Disclaimer, I’m not a coder/developer and being following Ember pre 1.0.

Has anyone considered an Ember Infrastructure team to attract more developers (and start-ups)? Through the lens of a cash strapped start-up as an example, I don’t really want my self-taught javascript/front end guy deploying and configuring any other software in any environment let alone my production webserver, Db and every other system needed in-between. Ember has a number of great things that I simply wouldn’t want or trust a front-end guy to do, simply because security and scalability are hard problems. Would be nice if e.g. LinkedIn or a hosting company sponsor this by providing a number of open source scalable software in say containers/Kubernetes or whatever that will just work with Ember (SSR as an example, or deploying to only a subgroup - hand picked production users/early adopters, or deploy to one server/region to ensure nothing has broken before deploying out to everyone else, automatic rollbacks, etc.) and can easily be turned on and just works.
A start-up with a maxed-out credit card may not be thinking this far ahead, but if Ember offered this out of the box it may persuade new developers and/or start-ups to use Ember over something else if they can easily install a pre-configured secure production scalable solution (most just want HA but dream they’ll one day need scalable). I only mention LinkedIn because they have open sourced a number of software (assume ember compatible) and probably have the largest Ember team and are best placed to provide / sponsor and make available pre-integrated production Ember solutions/ecosystem that can be trusted to work.
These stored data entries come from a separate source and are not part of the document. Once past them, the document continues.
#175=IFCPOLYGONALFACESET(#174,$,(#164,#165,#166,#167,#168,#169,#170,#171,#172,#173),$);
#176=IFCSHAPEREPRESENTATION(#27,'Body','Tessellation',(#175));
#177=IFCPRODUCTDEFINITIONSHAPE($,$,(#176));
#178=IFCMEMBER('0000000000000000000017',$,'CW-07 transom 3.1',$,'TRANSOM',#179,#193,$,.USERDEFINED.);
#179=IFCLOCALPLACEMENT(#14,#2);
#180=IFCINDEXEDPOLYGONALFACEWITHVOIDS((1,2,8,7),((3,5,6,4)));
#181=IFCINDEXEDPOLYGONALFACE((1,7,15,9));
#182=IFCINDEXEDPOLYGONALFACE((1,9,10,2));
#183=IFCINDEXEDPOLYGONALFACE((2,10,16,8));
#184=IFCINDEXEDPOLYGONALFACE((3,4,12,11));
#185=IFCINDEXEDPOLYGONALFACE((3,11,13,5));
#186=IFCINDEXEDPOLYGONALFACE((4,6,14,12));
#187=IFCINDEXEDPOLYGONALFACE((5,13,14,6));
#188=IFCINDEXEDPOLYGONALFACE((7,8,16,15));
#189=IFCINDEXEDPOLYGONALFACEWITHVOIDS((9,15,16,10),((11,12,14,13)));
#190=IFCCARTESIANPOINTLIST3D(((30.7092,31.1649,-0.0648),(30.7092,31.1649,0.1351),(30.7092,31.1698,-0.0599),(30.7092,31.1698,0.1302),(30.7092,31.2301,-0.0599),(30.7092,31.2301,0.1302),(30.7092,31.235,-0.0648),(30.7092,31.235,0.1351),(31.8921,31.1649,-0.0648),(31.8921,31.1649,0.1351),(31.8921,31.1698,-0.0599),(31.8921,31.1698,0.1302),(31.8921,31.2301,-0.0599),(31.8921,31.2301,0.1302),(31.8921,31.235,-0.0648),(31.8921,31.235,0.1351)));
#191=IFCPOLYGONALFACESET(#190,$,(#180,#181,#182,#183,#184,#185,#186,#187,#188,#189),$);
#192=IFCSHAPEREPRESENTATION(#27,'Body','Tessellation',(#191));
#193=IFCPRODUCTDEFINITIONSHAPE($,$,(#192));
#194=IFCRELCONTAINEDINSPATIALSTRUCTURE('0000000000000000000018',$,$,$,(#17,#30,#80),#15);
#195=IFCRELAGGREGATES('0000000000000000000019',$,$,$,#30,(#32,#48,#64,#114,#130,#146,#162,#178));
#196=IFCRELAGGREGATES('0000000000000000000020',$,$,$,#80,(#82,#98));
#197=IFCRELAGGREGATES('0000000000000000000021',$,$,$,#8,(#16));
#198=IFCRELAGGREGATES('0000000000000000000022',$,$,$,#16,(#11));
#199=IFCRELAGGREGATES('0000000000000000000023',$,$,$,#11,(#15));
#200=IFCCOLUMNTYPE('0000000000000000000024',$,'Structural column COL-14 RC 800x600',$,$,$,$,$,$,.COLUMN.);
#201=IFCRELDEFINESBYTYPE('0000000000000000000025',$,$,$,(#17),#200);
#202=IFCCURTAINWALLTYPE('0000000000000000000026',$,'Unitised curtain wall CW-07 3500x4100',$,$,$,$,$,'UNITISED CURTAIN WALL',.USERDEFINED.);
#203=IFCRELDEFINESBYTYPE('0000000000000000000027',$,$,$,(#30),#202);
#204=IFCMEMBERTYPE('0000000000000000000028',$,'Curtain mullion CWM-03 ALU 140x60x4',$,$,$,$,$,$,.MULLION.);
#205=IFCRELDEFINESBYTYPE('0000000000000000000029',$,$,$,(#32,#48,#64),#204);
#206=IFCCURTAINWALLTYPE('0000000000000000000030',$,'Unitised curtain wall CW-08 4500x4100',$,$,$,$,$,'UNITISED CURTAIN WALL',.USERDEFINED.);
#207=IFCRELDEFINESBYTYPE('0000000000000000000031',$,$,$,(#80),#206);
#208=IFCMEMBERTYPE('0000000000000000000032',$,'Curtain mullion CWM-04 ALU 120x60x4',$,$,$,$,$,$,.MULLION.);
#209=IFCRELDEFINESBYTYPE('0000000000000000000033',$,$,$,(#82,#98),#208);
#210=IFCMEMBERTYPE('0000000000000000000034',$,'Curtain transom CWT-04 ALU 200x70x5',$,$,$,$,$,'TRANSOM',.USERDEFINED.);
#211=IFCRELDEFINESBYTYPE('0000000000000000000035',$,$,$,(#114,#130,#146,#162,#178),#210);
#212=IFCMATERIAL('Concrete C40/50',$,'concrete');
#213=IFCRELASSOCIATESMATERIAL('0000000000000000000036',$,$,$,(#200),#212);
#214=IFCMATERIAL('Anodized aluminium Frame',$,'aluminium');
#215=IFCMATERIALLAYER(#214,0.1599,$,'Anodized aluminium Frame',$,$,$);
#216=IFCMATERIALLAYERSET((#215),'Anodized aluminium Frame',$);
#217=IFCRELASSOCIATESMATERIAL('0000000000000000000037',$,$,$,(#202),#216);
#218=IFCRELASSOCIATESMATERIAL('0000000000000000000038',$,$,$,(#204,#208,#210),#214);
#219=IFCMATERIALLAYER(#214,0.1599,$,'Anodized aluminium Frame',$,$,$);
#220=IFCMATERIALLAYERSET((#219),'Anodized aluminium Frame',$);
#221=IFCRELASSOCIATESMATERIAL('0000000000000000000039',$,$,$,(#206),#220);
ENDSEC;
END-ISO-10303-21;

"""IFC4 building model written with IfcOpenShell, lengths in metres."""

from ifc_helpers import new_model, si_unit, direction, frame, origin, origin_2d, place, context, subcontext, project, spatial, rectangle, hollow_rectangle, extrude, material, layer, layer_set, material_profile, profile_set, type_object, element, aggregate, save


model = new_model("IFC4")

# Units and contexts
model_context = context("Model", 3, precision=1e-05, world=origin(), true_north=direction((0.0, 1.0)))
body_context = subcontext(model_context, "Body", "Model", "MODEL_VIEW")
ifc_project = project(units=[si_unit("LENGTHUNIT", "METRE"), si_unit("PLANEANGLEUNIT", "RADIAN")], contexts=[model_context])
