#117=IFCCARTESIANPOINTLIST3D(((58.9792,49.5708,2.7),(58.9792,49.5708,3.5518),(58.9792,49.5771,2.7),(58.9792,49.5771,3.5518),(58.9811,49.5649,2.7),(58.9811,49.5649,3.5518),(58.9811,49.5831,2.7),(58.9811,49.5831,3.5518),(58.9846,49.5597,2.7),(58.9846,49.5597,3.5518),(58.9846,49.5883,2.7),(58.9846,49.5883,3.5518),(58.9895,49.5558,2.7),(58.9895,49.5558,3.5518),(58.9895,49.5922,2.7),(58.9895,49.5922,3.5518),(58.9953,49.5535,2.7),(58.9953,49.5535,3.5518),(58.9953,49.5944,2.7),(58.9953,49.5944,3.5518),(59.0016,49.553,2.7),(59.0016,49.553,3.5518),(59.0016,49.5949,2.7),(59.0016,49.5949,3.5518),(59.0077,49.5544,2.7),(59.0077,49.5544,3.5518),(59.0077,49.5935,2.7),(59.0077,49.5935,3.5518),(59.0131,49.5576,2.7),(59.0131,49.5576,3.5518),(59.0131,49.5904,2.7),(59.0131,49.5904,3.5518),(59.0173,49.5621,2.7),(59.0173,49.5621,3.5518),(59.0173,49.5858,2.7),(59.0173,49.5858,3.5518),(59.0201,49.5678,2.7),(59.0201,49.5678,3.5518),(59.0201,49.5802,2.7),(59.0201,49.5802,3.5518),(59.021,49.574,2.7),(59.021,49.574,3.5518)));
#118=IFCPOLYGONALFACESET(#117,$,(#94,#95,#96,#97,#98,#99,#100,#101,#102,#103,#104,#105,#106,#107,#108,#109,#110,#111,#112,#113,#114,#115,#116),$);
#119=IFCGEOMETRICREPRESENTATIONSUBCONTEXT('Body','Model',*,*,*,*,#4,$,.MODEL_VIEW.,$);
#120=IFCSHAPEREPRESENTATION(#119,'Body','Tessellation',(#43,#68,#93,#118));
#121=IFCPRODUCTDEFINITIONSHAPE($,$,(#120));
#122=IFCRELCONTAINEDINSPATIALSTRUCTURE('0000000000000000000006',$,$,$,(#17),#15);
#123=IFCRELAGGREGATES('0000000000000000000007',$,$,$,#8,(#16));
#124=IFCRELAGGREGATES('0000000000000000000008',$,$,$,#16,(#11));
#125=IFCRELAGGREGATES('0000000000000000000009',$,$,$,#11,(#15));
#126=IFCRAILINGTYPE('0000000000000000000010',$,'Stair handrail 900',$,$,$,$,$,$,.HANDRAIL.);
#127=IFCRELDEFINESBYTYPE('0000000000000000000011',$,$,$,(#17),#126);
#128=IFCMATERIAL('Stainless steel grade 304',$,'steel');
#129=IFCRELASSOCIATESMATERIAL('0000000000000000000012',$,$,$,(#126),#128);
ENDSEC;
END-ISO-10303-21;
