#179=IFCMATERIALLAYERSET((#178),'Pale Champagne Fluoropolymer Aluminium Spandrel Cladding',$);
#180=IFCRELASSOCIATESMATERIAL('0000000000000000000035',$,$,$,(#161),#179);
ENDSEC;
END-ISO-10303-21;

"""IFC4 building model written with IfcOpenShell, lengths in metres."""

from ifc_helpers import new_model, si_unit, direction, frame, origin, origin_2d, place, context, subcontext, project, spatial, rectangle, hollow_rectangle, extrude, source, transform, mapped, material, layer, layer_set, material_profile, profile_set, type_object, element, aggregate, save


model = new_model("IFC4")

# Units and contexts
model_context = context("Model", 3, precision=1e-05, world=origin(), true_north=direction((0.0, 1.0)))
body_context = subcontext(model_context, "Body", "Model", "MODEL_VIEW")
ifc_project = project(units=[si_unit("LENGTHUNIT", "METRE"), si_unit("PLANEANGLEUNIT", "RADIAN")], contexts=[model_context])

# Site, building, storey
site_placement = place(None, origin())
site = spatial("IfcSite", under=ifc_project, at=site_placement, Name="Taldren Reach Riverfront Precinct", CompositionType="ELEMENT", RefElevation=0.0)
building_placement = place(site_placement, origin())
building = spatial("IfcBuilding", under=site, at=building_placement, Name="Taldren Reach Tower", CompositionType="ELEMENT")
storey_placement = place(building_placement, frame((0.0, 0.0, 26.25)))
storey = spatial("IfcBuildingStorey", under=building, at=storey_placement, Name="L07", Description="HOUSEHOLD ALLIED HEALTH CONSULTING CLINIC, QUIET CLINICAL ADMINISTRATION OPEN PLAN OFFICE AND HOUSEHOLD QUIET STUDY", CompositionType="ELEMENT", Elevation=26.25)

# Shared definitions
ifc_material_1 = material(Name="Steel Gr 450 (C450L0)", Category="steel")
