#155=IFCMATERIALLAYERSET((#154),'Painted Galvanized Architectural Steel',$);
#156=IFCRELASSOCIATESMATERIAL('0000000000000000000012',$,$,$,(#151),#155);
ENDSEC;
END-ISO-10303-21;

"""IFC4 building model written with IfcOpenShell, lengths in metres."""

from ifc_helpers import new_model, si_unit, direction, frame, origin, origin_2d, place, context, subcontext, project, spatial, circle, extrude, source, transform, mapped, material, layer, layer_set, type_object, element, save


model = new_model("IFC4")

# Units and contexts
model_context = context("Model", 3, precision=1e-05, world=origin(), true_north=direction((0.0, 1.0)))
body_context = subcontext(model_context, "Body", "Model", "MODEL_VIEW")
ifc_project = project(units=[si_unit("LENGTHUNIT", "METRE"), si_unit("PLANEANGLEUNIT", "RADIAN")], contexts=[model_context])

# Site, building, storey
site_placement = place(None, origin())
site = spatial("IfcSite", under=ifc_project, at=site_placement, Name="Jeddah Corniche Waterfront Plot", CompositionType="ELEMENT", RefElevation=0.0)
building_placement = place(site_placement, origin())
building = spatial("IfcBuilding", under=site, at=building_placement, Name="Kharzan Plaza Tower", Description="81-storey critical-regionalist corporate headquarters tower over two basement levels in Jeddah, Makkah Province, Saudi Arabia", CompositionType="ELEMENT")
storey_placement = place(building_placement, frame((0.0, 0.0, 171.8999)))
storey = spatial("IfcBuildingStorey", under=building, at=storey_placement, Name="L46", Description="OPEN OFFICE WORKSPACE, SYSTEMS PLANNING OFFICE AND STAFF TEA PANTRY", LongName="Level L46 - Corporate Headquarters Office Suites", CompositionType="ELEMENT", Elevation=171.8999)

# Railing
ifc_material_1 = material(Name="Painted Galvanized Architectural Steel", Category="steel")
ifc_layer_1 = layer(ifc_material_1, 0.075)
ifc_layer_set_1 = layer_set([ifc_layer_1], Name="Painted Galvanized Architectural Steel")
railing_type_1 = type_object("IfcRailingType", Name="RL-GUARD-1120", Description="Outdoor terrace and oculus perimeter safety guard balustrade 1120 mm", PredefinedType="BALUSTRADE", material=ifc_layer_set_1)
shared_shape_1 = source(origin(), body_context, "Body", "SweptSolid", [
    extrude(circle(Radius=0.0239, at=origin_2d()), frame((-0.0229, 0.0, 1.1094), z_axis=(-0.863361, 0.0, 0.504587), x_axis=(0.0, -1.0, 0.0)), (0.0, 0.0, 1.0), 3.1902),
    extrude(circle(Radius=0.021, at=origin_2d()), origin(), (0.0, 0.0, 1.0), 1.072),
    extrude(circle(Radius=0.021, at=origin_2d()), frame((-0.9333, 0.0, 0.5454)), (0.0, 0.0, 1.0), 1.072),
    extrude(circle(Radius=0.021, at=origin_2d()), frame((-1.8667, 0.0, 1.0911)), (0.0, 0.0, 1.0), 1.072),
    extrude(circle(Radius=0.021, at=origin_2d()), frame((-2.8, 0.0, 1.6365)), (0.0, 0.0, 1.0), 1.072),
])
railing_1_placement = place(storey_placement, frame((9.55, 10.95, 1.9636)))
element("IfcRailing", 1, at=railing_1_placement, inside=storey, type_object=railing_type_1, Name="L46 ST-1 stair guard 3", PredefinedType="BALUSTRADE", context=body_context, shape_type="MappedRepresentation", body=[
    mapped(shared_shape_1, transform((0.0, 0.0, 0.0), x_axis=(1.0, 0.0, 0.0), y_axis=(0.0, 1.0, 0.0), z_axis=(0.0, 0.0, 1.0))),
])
Also, as someone who doesn’t live in the USA or a large country for that matter, mobile is the biggest consideration when choosing a language along with access to good developers, so React wins hands down here… you cannot even find an Ember or Vue dev here because of the demand for mobile which in turn drives people to learn React. I cannot stress enough the importance of a hybrid/native solution/option is needed ASAP! Great to see Chad do a PoC for NativeScript etc but seems to have gone quiet. Would also nice to see first class support for CSS Blocks, as I fair that may die off which would be a shame, as it seems quite quiet there and when people are even volunteering to fix performance/fundamental design problem (Parallelization #184), I don’t see anyone telling them to go for it...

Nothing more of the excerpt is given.